While other types of spinal cysts are also known to form on the spine, (for example, Arachnoid cysts, Tarlov cysts and others) synovial cysts the most common. With that said, synovial cysts are a relatively rare cause of back pain or spinal conditions.

Cysts in the neck tend to be rare, but when they do occur, they may cause myelopathy, which is symptoms due to pressure on the spinal cord.

In case you were wondering, ganglion cysts are also found in the spine, and while they differ from synovial cysts, are treated the same way.

Where Synovial Cysts Form

Wherever you are along the length of the spine, a synovial cyst is a synovial cyst. Just the same, spinal synovial cysts are named based on the region in which they are located. So if you have a one in your neck, it's called a cervical synovial cyst. If the cyst is located in your low back, it's called a lumbar synovial cyst, and if it is located in your upper or mid back it's deemed a thoracic synovial cyst.

Synovial cysts can occur on one side of your spine or both, and they can occur just at one spinal segment, or at multiple levels.

The most common location of spinal cysts is in the low back, at the L4-L5 segment. Dr. Ali Bydon, spine surgeon at Johns Hopkins Medicine, says that 58% of synovial cysts in the spine are found at this level. (The L4-L5 segment is the level located just below your belly button.)

L4-5 is also an area of great spinal instability, which as we'll discuss below, may well be related to the formation of cysts.

Reasons to Take Synovial Cysts Seriously

Though rare, synovial cysts are important to consider because they may indicate or in some way be related to painful conditions such as degenerative disc disease, spinal stenosis or, worse, cauda equina syndrome.

Bydon says although experts cannot as yet pinpoint the cause of spinal cysts, it is thought they are related to spinal instability and degenerative changes in the spine.

He comments that 33% of patients who present with synovial cyst also present with spondylolisthesis.


If a spinal cyst comes into contact or presses on the spinal nerve root in the area, most likely you'll experience symptoms of radiculopathy. Other symptoms of spinal synovial cysts, according to Bydon include low back pain, neurogenic claudication, which is the classic symptom related to spinal stenosis, and more rarely, symptoms of cauda equina (bowel and/or bladder problems, progressive leg weakness and saddle amnesia.)

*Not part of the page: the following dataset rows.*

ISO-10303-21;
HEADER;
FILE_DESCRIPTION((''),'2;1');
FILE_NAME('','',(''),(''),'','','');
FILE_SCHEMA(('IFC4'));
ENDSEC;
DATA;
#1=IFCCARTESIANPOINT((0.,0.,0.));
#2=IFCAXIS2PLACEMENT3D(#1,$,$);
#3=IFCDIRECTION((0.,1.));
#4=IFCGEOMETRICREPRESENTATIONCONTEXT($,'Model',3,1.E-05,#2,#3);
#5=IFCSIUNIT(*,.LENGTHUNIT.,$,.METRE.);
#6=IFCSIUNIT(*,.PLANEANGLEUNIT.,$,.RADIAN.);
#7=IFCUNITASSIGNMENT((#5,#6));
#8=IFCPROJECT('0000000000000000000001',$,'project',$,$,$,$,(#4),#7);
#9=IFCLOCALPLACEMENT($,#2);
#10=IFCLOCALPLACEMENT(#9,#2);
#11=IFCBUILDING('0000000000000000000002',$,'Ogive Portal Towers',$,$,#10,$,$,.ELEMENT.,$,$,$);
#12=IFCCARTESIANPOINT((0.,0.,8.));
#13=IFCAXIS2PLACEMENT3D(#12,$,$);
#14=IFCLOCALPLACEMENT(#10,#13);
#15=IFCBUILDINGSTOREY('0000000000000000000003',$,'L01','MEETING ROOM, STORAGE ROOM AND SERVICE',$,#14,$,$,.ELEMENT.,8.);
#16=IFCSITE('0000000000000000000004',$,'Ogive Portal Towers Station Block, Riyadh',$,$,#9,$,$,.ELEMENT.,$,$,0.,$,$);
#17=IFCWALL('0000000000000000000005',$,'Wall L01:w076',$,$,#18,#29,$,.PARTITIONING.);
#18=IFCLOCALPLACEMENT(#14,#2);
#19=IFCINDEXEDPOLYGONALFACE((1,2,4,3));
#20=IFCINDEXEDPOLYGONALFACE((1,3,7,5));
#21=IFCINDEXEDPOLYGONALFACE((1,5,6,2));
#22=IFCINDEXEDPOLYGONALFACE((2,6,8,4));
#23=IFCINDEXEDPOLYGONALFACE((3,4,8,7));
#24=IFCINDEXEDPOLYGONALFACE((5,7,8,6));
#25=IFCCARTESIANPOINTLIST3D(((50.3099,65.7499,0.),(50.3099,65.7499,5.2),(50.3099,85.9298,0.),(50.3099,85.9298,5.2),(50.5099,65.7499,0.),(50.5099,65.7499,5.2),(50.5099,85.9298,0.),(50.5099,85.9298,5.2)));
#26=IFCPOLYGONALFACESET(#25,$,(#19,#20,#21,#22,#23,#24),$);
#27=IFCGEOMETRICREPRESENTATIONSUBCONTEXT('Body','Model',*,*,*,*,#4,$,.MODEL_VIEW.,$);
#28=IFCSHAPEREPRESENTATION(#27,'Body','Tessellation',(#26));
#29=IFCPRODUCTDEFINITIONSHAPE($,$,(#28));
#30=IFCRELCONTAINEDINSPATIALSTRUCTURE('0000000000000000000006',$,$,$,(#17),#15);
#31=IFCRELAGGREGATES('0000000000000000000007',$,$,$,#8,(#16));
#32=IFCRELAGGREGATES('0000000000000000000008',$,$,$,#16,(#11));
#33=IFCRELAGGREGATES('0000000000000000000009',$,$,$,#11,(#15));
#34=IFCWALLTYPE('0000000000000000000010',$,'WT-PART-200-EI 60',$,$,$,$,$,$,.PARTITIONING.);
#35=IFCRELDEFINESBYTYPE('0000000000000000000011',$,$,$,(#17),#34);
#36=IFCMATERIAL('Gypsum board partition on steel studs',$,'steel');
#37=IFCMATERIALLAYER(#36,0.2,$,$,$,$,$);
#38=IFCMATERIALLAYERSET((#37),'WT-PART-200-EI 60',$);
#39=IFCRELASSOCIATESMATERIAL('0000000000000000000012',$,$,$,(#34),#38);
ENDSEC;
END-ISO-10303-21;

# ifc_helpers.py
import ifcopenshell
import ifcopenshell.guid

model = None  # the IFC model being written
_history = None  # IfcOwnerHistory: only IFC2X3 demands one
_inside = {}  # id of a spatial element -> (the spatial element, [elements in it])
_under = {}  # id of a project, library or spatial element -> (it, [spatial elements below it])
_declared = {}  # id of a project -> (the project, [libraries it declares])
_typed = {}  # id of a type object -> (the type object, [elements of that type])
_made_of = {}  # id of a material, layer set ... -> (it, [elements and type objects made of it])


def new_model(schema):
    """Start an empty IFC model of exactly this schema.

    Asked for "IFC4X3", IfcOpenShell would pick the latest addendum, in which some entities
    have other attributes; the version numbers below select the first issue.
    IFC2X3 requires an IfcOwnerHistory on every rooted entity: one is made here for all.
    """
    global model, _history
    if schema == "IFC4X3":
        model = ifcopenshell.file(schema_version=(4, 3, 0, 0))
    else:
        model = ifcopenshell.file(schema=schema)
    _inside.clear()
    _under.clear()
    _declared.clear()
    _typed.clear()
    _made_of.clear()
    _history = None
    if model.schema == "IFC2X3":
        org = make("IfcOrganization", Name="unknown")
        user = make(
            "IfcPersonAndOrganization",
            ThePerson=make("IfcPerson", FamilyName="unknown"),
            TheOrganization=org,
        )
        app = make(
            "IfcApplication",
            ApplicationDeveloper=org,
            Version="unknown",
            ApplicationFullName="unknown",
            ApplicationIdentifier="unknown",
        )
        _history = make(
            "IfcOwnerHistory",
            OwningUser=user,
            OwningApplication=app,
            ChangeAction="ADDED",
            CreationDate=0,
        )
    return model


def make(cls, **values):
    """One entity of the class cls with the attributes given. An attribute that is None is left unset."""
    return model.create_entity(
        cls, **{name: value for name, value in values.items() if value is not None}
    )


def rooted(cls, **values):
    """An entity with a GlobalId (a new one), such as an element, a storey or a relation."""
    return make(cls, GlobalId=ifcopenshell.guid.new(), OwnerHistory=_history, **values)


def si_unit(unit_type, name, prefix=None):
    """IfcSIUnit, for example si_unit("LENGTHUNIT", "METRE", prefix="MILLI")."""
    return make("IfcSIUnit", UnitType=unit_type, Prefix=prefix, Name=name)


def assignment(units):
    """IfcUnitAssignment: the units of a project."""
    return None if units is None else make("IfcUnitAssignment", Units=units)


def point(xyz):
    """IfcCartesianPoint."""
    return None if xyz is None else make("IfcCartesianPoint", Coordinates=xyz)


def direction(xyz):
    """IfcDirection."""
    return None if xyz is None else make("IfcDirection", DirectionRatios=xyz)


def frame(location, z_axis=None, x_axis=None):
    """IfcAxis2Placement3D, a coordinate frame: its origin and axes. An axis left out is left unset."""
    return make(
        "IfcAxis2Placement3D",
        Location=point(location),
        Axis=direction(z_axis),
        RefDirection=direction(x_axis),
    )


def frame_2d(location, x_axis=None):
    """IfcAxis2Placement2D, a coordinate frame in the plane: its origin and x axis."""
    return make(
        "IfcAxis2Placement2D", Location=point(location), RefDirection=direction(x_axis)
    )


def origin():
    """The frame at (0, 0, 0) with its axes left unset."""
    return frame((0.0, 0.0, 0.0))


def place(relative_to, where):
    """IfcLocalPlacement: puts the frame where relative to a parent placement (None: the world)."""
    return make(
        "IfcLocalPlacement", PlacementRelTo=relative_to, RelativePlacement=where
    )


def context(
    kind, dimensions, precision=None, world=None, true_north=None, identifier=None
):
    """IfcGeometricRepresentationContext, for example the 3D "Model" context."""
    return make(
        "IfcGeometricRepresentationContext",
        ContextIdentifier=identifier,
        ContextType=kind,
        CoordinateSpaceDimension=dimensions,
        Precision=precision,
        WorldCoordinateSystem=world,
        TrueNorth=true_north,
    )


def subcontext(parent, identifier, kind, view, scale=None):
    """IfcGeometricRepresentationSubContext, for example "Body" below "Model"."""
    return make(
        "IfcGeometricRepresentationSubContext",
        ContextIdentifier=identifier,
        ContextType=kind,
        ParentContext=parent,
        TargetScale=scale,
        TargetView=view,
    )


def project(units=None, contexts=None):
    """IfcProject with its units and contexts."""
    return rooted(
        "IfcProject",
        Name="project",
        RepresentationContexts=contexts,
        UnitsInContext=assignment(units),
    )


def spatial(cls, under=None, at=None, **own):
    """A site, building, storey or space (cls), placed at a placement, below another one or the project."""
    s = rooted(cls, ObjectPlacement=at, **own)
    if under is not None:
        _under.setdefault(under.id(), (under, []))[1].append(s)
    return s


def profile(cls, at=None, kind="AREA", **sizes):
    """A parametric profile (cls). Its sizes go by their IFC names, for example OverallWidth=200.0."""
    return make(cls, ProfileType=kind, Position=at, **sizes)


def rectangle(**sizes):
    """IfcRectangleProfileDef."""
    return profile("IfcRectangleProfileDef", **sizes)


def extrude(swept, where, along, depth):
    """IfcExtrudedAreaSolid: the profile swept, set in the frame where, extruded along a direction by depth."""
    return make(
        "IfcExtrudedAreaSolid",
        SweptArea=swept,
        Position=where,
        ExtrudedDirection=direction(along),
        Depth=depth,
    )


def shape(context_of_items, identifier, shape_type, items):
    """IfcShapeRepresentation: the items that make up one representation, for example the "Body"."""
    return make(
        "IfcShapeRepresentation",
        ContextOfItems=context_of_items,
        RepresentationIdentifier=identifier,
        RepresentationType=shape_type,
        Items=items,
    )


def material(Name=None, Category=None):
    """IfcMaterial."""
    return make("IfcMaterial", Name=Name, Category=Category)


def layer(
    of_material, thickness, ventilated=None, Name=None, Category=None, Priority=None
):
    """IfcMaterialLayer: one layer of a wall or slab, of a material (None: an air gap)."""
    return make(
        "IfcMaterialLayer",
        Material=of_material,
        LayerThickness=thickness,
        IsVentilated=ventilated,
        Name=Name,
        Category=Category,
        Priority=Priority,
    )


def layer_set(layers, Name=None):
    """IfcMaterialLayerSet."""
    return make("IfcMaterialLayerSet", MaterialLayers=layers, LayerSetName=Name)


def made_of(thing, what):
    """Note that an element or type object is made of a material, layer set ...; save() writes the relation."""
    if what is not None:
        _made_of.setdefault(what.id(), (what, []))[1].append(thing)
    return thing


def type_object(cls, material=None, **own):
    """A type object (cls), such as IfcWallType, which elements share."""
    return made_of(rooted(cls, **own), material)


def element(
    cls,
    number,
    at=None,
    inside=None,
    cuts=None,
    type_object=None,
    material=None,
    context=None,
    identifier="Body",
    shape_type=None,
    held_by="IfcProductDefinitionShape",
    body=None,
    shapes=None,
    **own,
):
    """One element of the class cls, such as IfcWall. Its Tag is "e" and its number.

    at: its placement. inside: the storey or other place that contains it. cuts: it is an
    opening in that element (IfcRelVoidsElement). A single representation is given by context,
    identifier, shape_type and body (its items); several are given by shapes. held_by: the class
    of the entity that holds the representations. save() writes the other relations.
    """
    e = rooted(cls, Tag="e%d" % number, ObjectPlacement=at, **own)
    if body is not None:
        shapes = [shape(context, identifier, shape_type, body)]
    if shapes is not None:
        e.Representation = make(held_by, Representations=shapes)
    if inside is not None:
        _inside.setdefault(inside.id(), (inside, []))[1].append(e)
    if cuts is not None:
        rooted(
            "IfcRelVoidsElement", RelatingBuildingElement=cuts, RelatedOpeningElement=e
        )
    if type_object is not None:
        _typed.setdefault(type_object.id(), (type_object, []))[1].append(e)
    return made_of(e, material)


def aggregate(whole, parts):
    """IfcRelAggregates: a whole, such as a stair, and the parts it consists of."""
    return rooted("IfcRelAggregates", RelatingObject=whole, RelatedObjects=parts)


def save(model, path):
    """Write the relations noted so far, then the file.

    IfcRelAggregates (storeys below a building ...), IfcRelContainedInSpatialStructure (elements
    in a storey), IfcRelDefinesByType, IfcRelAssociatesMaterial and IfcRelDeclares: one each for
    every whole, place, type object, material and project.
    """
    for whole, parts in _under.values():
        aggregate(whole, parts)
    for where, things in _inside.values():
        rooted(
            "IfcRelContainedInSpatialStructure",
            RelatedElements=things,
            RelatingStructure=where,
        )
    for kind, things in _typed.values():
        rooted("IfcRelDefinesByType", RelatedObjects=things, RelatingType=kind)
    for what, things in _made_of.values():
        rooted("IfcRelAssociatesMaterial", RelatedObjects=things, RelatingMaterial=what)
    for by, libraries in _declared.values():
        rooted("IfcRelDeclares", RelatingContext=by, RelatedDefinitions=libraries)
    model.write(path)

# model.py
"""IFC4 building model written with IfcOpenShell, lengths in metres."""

from ifc_helpers import new_model, si_unit, direction, frame, frame_2d, origin, place, context, subcontext, project, spatial, rectangle, extrude, material, layer, layer_set, type_object, element, save


model = new_model("IFC4")

# Units and contexts
model_context = context("Model", 3, precision=1e-05, world=origin(), true_north=direction((0.0, 1.0)))
body_context = subcontext(model_context, "Body", "Model", "MODEL_VIEW")
ifc_project = project(units=[si_unit("LENGTHUNIT", "METRE"), si_unit("PLANEANGLEUNIT", "RADIAN")], contexts=[model_context])

# Site, building, storey
site_placement = place(None, origin())
site = spatial("IfcSite", under=ifc_project, at=site_placement, Name="Ogive Portal Towers Station Block, Riyadh", CompositionType="ELEMENT", RefElevation=0.0)
building_placement = place(site_placement, origin())
building = spatial("IfcBuilding", under=site, at=building_placement, Name="Ogive Portal Towers", CompositionType="ELEMENT")
storey_placement = place(building_placement, frame((0.0, 0.0, 8.0)))
storey = spatial("IfcBuildingStorey", under=building, at=storey_placement, Name="L01", Description="MEETING ROOM, STORAGE ROOM AND SERVICE", CompositionType="ELEMENT", Elevation=8.0)

# Shared definitions
ifc_material_1 = material(Name="Gypsum board partition on steel studs", Category="steel")
ifc_layer_1 = layer(ifc_material_1, 0.2)
ifc_layer_set_1 = layer_set([ifc_layer_1], Name="WT-PART-200-EI 60")
wall_type_1 = type_object("IfcWallType", Name="WT-PART-200-EI 60", PredefinedType="PARTITIONING", material=ifc_layer_set_1)

# Wall
wall_1_placement = place(storey_placement, frame((50.4099, 65.75, 0.0), z_axis=(0.0, 0.0, 1.0), x_axis=(0.0, 1.0, 0.0)))
element("IfcWall", 1, at=wall_1_placement, inside=storey, type_object=wall_type_1, Name="Wall L01:w076", PredefinedType="PARTITIONING", context=body_context, shape_type="SweptSolid", body=[
    extrude(rectangle(XDim=20.1799, YDim=0.2, at=frame_2d((10.0898, 0.0))), origin(), (0.0, 0.0, 1.0), 5.2),
])

save(model, "model.ifc")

Bydon says that the severity of your symptoms will likely depend on both the size and the location of the cyst.


Some cysts remain small and present few symptoms. Other than regular monitoring, you may not need treatment if you have this kind of growth. Cysts are generally diagnosed by means of an MRI.

If your cyst causes you a lot of pain, and surgery is too risky given your health condition, your doctor may suggest corticosteroid injection or cyst aspiration. But these treatments may not live up to your expectations for pain relief, according to Bydon, et. al. in their study entitled, "Treatment of Spinal Synovial Cyst," published in the September 2012 issue of World Neurosurgery. The researchers in this study identified that the failure rate for these procedures was almost 50%.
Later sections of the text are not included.